Bayesian version of one-sample t-test

AFNI version info (afni -ver): Precompiled binary linux_rocky_8: Jun 29 2023 (Version AFNI_23.1.10 'Publius Helvius Pertinax')

Dear Colleagues,

Hi. Does AFNI have a Bayesian version of a one-sample t-test?

My current plan is to use this.

3dttest++ \
    -prefix output_tt_"$region""$regsiz"_"$prepro"_"$statin".nii \
    -singletonA 0.0 \
    -setB ...

In this scenario, I am equally interested in all three outcomes: significantly negatively different from zero, not significantly different from zero, and significantly positively different from zero. In other words, I am only choosing a null hypotheses of 0.0 for the sake of convenience. I plan to create a tricolor map for my manuscript with these three outcomes. However, for the not-significantly-different-from-zero outcome, it seems to me at present that I cannot conclude such because one cannot prove the null in the Null Hypothesis Decision Strategy.

Sincerely,

Dante

Dante,

Your 3dtttest++ script is equivalent to

3dttest++ \
    -prefix output_tt_"$region""$regsiz"_"$prepro"_"$statin".nii \
    -setA ...

I am equally interested in all three outcomes: significantly negatively different from zero, not significantly different from zero, and significantly positively different from zero. In other words, I am only choosing a null hypotheses of 0.0 for the sake of convenience. I plan to create a tricolor map for my manuscript with these three outcomes. However, for the not-significantly-different-from-zero outcome, it seems to me at present that I cannot conclude such because one cannot prove the null in the Null Hypothesis Decision Strategy.
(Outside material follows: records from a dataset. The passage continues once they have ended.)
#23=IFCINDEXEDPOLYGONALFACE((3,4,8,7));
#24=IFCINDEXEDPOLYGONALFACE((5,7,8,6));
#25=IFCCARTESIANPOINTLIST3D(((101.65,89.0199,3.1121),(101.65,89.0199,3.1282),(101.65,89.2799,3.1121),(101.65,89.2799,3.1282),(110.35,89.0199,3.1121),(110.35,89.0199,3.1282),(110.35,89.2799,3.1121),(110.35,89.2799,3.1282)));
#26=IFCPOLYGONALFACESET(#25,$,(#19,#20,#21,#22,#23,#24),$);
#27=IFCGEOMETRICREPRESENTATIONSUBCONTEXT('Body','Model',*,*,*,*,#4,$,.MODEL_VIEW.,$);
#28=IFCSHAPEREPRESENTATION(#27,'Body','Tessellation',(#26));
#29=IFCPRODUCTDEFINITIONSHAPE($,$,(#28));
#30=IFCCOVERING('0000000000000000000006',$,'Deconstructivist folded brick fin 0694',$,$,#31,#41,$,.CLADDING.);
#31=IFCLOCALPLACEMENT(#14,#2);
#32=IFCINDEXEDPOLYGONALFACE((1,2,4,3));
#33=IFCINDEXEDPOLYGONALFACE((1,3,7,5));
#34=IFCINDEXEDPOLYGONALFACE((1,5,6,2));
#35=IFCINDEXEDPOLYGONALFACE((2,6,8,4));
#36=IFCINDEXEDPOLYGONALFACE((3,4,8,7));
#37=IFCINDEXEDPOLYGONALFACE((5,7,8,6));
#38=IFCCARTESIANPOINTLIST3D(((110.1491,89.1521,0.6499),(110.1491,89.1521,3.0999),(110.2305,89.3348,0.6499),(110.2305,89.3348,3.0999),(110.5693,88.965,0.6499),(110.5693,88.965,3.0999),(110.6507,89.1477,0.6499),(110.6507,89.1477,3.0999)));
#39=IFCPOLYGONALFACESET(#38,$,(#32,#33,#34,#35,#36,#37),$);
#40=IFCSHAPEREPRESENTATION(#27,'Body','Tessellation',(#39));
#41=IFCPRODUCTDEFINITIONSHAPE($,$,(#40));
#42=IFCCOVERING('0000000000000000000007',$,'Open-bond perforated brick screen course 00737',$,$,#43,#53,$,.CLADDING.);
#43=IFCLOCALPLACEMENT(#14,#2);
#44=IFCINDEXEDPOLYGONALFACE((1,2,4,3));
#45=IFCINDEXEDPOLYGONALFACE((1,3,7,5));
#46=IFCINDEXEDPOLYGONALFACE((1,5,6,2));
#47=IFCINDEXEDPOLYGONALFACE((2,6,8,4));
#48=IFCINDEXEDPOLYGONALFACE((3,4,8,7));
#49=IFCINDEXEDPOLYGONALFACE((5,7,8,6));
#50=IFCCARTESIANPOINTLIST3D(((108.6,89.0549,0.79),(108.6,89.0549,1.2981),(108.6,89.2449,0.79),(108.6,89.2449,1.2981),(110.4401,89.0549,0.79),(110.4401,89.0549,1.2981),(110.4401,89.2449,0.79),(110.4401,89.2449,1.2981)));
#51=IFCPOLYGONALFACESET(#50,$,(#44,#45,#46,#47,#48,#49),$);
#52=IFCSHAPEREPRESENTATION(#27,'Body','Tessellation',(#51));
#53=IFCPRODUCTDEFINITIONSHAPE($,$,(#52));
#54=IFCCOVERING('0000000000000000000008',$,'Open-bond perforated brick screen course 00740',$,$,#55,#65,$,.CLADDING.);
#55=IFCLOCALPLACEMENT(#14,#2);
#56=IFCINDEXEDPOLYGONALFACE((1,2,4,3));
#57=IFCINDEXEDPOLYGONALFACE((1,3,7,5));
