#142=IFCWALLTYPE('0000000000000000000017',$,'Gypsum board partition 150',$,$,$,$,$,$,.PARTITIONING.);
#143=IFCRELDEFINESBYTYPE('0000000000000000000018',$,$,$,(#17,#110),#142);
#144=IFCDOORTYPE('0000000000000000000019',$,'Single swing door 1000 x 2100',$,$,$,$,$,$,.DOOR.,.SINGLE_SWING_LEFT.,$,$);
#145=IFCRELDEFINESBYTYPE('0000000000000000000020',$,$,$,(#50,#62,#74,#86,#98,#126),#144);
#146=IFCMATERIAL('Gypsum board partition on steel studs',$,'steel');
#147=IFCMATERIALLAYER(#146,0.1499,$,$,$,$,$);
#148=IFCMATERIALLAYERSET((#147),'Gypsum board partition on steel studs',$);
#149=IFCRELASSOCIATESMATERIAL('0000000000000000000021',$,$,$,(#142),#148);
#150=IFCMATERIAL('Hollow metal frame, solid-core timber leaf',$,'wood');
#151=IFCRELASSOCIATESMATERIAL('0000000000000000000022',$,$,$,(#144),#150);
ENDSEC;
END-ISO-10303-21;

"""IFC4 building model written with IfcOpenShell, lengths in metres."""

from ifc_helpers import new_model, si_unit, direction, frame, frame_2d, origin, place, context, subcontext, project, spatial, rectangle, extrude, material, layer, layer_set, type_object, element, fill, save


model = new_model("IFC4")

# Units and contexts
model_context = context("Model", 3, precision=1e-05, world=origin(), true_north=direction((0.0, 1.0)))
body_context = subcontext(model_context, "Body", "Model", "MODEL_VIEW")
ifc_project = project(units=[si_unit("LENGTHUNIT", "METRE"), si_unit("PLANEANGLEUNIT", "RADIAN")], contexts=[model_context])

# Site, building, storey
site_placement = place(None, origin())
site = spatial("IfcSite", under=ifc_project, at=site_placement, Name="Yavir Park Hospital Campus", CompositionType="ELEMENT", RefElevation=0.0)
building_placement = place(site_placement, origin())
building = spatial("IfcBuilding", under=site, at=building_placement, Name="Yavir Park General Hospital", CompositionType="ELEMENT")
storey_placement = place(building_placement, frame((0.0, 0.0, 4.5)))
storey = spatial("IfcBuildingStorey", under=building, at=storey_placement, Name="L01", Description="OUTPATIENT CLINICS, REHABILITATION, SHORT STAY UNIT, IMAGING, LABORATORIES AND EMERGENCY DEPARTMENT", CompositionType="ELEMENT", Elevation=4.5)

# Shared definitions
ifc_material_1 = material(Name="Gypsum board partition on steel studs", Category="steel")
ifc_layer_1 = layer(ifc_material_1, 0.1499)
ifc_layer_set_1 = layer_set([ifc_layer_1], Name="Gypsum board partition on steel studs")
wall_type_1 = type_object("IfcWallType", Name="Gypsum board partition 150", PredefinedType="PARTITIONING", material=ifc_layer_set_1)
Everything in statistics is probabilistic, which means that certainty cannot be proven for anything except for trivial cases, including non-null hypotheses, regardless of the modeling framework.

Does AFNI have a Bayesian version of a one-sample t-test?

You may want to try the program RBA which can perform Bayesian analysis on a list of brain regions, rather than at the voxel level.

Gang

1 Like

Gang,

Hi! How are you?! I would like to do a voxel- rather than region-wise analysis, so I must assume the answer to my question is "no." Thank you anyway. I hope you are well.

Sincerely,

Dante

P.S.: Thank you for correcting me. I should have said that one can only reject or fail to reject the null hypothesis.

P.P.S.: Your code and my code are equivalent. However, I like to write my code with the default options specified so that if I ever need to use it again with a value other than 0.0, I do not need to reread the help file.